Arrow thinks about the cellist and his mission and decides that she must keep this man alive at all costs. She knows that the cellist must finish his mission.
Arrow studies the area the assassin will have to work with, trying to figure out how the he will try to approach and exit after he shoots the cellist, if Arrow doesn’t kill him first. However, she also knows that they won’t send any ordinary assassin.
She plans out her attack, finding a vantage point where he would not normally check for assassins like her before he shoots the cellist. She finally finds her point of attack on the south side of the street. She has also set up a decoy, placing a rifle, its barrel pointing west; toward the spot she believes the sniper will aim from. She lodges a baseball cap there as well, to make it look as if a sniper is waiting to fire at him. This way, if she hasn’t already spotted him, he will give his position away by shooting at the decoy.
As the afternoon unfolds, Arrow thinks she has discovered where the sniper is shooting from but, after a tense ten minutes, when Arrow considers shooting at him, she decides against it.
Later, she replays the events of the afternoon to herself. She is sure the sniper was there, and doesn’t know why he didn’t shoot.

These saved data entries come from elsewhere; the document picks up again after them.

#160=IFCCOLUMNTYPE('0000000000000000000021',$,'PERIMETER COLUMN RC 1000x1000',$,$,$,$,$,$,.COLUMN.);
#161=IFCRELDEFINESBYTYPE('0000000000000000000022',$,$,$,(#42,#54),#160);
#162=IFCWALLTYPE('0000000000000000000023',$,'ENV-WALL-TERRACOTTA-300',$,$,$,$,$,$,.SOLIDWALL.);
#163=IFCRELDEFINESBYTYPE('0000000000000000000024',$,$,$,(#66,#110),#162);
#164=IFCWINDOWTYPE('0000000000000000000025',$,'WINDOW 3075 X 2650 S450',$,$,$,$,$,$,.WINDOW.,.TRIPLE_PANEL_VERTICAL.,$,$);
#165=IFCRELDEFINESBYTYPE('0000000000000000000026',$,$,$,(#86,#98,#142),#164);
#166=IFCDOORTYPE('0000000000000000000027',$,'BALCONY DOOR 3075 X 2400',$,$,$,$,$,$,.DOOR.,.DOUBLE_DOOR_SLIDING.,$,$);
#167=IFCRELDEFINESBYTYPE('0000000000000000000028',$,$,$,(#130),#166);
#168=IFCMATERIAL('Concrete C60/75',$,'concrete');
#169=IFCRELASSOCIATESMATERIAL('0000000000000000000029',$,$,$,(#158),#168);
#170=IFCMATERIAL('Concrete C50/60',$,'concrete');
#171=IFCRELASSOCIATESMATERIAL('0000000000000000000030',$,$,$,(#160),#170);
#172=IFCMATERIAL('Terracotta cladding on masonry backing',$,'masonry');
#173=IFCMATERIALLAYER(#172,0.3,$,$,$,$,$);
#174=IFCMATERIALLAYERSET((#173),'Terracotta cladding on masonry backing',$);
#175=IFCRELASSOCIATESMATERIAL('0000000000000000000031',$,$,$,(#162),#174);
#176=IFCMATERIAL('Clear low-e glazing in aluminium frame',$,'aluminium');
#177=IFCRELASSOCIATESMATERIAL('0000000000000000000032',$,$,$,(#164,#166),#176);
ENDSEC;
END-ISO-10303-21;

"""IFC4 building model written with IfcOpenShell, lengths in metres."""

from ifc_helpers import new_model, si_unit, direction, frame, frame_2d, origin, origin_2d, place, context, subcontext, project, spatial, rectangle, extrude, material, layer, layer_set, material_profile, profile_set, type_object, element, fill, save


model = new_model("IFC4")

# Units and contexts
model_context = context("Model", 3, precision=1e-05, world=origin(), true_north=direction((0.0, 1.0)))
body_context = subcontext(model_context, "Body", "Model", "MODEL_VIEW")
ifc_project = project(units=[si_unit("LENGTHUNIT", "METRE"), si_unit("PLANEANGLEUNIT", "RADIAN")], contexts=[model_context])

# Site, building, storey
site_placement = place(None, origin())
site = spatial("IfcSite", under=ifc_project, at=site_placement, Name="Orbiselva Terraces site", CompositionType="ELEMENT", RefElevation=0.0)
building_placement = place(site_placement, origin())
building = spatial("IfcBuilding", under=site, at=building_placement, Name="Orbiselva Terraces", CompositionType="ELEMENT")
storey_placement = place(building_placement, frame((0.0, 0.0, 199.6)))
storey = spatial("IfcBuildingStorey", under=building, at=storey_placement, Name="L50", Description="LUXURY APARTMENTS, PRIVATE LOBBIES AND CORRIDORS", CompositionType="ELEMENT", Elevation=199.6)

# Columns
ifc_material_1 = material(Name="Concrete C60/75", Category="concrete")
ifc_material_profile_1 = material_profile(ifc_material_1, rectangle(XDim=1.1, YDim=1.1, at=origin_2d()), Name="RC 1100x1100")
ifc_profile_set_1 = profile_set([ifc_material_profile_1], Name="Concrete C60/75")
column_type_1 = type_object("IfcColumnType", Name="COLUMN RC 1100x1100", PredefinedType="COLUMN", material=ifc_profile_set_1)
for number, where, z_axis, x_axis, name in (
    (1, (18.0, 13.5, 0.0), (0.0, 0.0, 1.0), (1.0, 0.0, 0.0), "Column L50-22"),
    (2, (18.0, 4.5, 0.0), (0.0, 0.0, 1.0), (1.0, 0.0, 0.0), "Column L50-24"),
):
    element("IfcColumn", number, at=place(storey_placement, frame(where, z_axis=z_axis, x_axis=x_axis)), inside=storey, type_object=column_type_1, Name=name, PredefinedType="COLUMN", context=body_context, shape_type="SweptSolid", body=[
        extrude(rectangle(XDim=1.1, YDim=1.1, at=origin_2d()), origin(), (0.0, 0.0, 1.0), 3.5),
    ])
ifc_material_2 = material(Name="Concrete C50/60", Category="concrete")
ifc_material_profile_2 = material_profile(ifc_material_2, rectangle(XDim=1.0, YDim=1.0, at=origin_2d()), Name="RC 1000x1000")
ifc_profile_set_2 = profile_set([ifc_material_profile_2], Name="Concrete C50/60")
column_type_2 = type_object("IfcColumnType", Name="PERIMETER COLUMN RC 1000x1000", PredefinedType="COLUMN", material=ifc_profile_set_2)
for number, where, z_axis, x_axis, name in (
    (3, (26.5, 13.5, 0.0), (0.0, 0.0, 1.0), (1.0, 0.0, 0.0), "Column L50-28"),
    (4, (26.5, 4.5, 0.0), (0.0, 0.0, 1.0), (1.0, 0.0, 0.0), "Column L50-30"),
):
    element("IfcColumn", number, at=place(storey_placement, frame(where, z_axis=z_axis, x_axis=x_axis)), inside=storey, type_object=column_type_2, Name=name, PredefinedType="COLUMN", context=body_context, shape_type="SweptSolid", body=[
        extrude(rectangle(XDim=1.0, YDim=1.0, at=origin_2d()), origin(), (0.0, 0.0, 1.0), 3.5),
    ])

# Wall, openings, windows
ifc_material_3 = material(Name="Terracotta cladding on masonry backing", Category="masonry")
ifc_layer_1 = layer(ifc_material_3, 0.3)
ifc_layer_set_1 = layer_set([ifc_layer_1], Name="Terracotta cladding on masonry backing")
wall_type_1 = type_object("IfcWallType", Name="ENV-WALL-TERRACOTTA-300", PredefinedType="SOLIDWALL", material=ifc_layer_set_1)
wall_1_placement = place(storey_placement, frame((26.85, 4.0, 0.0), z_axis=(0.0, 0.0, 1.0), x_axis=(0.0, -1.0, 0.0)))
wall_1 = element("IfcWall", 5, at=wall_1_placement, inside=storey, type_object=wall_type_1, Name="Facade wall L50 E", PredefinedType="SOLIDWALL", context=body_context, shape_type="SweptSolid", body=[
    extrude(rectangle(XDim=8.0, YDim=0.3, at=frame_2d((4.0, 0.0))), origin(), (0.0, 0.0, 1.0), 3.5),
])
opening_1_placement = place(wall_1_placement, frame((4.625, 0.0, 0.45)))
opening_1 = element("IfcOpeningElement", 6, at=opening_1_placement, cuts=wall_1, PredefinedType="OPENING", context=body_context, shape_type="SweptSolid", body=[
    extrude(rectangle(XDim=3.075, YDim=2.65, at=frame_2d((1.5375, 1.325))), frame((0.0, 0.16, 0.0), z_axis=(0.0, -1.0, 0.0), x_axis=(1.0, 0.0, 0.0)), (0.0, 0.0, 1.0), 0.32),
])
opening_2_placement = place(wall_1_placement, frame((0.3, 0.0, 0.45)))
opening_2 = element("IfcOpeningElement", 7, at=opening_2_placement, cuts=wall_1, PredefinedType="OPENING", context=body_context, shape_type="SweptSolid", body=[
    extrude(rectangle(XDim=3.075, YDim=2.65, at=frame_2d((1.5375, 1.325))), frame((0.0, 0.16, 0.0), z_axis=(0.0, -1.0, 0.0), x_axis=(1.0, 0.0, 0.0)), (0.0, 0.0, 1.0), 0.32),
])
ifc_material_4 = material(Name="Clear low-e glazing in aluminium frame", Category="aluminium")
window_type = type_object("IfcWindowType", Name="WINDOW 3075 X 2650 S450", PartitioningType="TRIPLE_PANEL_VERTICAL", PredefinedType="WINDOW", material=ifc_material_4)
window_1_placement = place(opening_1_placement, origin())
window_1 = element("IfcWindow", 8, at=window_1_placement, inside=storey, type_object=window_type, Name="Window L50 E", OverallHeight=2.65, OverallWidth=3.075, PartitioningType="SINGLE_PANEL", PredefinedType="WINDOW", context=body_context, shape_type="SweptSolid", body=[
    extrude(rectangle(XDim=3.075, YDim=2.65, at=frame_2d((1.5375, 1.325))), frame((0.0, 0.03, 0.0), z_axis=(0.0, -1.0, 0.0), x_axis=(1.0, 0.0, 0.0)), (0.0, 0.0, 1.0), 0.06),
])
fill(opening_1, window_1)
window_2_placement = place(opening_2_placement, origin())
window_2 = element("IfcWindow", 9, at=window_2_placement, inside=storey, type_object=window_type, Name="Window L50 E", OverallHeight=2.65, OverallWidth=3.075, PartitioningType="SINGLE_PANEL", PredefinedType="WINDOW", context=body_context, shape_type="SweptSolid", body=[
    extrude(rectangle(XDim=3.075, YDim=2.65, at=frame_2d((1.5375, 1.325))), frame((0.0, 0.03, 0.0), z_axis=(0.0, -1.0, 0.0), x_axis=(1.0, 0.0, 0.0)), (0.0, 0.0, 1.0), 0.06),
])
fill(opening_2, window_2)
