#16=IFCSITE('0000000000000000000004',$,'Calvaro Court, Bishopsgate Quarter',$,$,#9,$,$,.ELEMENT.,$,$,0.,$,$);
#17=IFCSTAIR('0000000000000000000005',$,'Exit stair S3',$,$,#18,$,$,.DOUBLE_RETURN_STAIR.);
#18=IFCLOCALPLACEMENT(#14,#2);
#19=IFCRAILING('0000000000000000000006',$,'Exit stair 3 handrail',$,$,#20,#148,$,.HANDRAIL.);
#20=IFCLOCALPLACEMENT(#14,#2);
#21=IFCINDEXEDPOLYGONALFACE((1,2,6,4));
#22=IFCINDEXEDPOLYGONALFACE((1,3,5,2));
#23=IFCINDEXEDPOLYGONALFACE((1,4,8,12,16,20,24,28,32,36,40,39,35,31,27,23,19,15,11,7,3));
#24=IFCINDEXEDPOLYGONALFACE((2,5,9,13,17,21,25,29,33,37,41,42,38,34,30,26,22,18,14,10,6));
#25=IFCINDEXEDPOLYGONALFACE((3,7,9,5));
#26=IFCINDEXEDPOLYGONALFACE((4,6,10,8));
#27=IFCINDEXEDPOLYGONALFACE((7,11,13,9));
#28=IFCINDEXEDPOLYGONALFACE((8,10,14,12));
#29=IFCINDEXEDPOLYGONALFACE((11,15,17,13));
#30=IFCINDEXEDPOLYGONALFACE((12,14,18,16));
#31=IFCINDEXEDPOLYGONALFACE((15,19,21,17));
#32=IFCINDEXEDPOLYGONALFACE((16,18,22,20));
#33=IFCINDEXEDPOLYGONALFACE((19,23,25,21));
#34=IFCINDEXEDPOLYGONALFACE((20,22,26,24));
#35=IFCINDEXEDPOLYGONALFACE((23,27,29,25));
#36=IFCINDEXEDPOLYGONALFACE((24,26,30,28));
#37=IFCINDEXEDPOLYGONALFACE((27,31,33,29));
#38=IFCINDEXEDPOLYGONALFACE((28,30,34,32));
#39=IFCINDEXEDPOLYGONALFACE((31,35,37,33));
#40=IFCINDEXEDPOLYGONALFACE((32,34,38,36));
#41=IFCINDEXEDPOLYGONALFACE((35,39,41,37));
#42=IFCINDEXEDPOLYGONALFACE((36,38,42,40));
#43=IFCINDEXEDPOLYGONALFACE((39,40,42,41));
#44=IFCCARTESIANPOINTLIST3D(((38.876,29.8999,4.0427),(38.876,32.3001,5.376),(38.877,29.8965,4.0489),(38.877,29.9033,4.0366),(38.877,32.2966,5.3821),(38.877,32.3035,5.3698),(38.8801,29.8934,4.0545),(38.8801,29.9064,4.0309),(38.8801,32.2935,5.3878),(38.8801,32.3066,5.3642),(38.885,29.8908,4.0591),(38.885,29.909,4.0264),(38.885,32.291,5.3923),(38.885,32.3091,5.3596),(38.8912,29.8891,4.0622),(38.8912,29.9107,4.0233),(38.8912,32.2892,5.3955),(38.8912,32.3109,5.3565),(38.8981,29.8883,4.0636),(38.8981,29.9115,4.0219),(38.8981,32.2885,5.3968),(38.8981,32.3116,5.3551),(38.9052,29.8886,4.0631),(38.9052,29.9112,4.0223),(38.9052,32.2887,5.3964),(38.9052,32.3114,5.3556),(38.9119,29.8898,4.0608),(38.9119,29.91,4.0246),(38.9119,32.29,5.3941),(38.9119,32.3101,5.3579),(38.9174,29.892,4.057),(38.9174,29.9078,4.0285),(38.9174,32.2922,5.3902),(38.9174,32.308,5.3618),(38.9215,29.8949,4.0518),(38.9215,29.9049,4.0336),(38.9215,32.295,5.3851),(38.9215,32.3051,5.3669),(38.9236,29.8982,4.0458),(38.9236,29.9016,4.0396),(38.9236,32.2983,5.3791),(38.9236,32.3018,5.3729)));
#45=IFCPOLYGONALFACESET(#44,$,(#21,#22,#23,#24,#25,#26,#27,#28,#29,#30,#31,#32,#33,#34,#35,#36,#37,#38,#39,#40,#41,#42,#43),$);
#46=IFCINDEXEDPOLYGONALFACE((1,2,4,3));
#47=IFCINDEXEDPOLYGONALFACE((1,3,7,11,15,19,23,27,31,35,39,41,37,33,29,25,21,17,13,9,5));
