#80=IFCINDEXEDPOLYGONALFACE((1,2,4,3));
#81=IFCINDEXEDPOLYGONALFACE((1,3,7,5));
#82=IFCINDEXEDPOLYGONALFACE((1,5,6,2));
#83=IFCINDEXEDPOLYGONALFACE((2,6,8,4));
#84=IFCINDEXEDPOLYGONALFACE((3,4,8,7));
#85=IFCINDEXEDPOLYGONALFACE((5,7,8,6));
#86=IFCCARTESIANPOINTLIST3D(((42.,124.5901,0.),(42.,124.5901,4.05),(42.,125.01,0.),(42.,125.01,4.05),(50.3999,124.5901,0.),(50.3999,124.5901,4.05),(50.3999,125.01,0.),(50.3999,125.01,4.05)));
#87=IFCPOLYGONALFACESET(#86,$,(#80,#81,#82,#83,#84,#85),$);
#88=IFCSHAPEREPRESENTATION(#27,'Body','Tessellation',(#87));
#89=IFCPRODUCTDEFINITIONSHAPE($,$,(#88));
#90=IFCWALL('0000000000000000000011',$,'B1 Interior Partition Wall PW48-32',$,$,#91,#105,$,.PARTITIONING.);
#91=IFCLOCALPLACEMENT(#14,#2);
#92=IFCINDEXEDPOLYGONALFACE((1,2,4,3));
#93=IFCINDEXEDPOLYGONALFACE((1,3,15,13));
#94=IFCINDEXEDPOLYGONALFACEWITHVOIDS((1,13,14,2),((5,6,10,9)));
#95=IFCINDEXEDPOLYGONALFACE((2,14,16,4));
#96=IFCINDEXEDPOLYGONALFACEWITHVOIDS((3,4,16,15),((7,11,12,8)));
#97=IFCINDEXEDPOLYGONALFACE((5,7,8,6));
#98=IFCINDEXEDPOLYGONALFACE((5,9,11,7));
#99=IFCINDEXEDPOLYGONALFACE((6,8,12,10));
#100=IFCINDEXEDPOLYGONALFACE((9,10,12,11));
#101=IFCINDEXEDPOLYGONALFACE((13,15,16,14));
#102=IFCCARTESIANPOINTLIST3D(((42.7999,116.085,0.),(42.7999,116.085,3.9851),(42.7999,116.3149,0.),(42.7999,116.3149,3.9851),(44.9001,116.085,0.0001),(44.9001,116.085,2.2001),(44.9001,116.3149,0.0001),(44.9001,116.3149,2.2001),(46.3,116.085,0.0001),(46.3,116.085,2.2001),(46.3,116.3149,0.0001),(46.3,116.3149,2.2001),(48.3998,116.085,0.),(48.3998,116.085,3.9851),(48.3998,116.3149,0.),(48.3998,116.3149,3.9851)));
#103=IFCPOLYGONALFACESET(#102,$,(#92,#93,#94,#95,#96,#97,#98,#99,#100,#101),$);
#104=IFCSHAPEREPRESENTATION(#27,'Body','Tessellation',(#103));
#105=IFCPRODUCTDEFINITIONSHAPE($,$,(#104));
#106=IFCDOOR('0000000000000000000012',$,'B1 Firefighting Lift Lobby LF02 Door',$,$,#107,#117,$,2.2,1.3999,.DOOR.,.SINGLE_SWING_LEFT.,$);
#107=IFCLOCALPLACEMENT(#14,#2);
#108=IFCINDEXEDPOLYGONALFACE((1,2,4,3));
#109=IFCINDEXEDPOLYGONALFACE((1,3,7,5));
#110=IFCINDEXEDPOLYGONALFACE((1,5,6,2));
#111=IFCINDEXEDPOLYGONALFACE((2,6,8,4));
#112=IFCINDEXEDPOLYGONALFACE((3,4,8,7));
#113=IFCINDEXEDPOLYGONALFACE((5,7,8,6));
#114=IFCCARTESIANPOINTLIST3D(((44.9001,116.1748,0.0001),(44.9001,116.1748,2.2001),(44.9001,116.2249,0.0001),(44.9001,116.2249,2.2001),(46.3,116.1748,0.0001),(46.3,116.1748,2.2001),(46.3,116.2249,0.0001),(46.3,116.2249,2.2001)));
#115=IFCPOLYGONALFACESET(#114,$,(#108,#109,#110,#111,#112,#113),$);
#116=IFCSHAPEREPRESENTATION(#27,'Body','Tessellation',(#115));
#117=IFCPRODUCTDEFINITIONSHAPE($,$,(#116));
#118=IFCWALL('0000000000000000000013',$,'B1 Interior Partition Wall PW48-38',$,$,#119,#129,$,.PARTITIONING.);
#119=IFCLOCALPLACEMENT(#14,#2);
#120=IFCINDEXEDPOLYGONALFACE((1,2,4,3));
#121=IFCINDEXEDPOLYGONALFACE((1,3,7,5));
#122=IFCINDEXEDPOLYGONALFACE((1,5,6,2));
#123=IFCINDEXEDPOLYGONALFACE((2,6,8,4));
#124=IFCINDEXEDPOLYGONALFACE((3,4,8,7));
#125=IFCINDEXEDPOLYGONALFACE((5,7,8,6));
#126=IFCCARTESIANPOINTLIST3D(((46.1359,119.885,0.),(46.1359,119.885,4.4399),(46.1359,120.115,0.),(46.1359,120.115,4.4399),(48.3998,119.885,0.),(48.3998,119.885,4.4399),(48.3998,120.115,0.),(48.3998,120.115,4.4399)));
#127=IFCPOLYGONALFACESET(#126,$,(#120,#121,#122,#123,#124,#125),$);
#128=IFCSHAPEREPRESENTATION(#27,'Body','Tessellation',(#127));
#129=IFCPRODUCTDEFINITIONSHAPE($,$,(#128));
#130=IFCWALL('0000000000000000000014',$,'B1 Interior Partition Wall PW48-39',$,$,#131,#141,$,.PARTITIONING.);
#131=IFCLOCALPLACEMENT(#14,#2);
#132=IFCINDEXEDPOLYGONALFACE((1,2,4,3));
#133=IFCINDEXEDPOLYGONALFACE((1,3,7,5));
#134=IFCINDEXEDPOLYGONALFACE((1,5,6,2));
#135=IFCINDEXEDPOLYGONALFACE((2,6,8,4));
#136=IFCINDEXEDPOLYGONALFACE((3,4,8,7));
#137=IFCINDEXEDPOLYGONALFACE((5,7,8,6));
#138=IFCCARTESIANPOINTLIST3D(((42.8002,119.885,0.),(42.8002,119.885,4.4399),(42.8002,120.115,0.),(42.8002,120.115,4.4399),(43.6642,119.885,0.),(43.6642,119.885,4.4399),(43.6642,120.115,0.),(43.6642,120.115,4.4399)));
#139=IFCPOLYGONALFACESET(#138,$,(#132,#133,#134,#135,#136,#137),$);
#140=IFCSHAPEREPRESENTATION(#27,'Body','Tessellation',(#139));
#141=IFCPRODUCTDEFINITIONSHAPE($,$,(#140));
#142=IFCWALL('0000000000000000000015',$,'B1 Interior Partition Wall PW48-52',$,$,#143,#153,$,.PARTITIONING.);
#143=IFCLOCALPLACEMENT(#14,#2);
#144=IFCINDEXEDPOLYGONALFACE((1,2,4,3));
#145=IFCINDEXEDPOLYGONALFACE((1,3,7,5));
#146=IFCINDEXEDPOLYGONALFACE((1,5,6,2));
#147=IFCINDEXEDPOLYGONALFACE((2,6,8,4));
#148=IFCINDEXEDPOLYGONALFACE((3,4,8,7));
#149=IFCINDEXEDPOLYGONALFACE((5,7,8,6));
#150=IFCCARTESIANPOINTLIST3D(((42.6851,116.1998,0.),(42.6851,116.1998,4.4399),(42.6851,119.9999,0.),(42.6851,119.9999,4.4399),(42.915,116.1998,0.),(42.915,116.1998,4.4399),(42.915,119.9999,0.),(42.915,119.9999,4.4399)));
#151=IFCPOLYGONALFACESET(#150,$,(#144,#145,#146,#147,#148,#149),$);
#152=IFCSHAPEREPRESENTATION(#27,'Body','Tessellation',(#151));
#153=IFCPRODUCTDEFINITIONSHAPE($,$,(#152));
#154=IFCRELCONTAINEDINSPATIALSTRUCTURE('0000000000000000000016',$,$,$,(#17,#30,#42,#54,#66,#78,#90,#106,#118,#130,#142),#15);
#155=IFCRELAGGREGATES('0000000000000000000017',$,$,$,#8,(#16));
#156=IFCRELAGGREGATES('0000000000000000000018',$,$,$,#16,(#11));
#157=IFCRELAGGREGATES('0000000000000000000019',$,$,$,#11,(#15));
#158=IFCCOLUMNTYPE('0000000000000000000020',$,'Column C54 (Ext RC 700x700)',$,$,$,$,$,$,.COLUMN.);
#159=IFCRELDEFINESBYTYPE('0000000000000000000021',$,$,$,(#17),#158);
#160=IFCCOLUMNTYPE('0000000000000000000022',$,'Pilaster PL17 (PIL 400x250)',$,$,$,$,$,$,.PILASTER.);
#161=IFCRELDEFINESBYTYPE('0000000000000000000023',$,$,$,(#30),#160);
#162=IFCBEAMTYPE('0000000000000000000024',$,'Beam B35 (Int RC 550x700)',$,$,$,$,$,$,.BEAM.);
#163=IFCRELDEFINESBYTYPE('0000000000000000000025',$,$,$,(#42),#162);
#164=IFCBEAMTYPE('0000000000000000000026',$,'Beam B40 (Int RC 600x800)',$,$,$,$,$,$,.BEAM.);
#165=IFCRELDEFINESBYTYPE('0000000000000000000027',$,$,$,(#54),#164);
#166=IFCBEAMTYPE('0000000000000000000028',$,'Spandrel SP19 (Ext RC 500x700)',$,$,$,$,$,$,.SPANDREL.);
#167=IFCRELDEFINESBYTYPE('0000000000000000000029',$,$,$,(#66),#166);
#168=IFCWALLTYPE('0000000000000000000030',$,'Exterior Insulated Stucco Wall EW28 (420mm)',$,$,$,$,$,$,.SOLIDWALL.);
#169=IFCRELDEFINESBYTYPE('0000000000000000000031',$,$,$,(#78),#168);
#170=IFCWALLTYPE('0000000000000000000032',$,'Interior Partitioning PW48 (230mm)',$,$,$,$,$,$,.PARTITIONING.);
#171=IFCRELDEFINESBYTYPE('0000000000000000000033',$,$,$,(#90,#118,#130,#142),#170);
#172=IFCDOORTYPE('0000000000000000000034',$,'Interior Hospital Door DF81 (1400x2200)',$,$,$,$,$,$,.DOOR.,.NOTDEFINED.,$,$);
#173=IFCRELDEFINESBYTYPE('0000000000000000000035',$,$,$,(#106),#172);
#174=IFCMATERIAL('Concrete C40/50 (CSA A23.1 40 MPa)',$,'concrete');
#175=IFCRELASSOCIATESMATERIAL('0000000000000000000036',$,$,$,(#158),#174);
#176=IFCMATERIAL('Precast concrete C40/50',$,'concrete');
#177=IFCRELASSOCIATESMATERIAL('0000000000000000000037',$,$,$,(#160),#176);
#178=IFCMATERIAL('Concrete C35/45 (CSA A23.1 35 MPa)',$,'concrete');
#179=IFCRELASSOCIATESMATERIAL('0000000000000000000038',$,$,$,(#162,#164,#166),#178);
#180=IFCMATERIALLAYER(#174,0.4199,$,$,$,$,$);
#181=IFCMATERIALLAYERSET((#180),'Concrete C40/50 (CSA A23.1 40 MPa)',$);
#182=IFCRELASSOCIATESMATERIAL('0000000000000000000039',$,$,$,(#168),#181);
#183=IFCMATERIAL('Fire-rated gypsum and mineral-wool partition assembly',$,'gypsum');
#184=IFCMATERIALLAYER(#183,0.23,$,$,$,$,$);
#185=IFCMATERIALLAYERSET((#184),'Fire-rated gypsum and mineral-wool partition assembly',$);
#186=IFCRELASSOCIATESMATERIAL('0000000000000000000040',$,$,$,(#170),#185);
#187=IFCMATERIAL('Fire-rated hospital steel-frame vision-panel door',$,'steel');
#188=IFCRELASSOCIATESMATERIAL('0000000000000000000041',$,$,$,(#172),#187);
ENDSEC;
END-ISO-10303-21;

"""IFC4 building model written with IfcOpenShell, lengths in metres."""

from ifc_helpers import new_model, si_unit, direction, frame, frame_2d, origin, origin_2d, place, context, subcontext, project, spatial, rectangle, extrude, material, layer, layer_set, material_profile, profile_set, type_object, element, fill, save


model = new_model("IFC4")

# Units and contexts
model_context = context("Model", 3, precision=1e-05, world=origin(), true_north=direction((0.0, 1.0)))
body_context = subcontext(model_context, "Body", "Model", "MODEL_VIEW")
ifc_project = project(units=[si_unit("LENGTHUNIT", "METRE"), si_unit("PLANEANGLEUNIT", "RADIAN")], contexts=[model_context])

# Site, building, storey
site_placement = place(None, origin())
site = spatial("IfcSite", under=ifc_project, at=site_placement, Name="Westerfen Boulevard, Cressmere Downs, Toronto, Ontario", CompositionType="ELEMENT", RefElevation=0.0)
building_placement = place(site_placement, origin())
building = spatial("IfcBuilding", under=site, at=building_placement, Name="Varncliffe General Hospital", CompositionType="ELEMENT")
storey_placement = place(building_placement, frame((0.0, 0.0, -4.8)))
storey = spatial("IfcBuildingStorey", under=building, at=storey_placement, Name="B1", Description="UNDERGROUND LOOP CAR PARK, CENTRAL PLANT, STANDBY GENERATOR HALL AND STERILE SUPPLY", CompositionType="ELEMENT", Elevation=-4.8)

What she fears is that the sniper is much better than she had anticipated--- and that he has a plan she hasn’t yet conceived of.
She reflects upon the person she has become, one who is angered by any excessive show of grief as she herself has become so unaffected by death—having been immunized by the sight of so much of it.
That afternoon, the sniper strikes, shooting from the decoy window. Arrow hits the ground just in time to avoid the bullet he has fired at her. She stays down to make him think he has hit her. That afternoon the cellist remains safe, because the sniper does not fire again.
The next afternoon, when the cellist comes out to play, the sniper emerges immediately. Arrow is going to shoot him but then she notices his hand isn’t even on the rifle. The rifle is aimed at the cellist, but the sniper’s shooting hand is at his side, not on the trigger. As the last notes of the sonata sound out, Arrow shoots the sniper anyway, just in case.
In this chapter, we see that Kenan is only tentatively clinging to his sanity. He has taken to retreating from the world through imaginative tactics, pretending that the buildings around him have not been destroyed, that the city is still intact.
In Kenan’s memory of the destruction of the library, we see some of the many reasons he wants to retreat from reality—the destruction of the library, of course, was particularly damaging for him because the library represents the future of education, knowledge and possibility and the sight of a “million books” floating to the ground as ashes marks the destruction of more than books; it is the destruction of Sarajevo’s future as well. Kenan feels much like the fireman who struggled to put out the fire only to fall to his knees in sorrow and defeat. Kenan feels defeated and frail, a man desperately holding on to what remains of life.
Galloway’s description of Kenan becomes especially haunting in the face of the bombing of the brewery. Here, Galloway reveals Kenan’s tendencies to run from any more pain and conflict as, rather than stay and help the other individuals hurt by the bomb, he runs home.
We also see Arrow react to the cellist’s music for the first time, and when she hears him play, she is overwhelmed by a host of memories, both poignant and horrifying. After hearing him play, Arrow vows to protect him and his beautiful song at any cost.
In chapter two, Dragan meets Emina, a woman who, unlike Dragan, is reaching out to help others during the siege. Dragan, who, more than any of the other characters tries to avoid people in order to escape the reality of the war, is forced, finally, to talk to another person – to hear about their fears and suffering. Tragically, only seconds after Dragan begins to think about how real Emina has become to him, she is shot.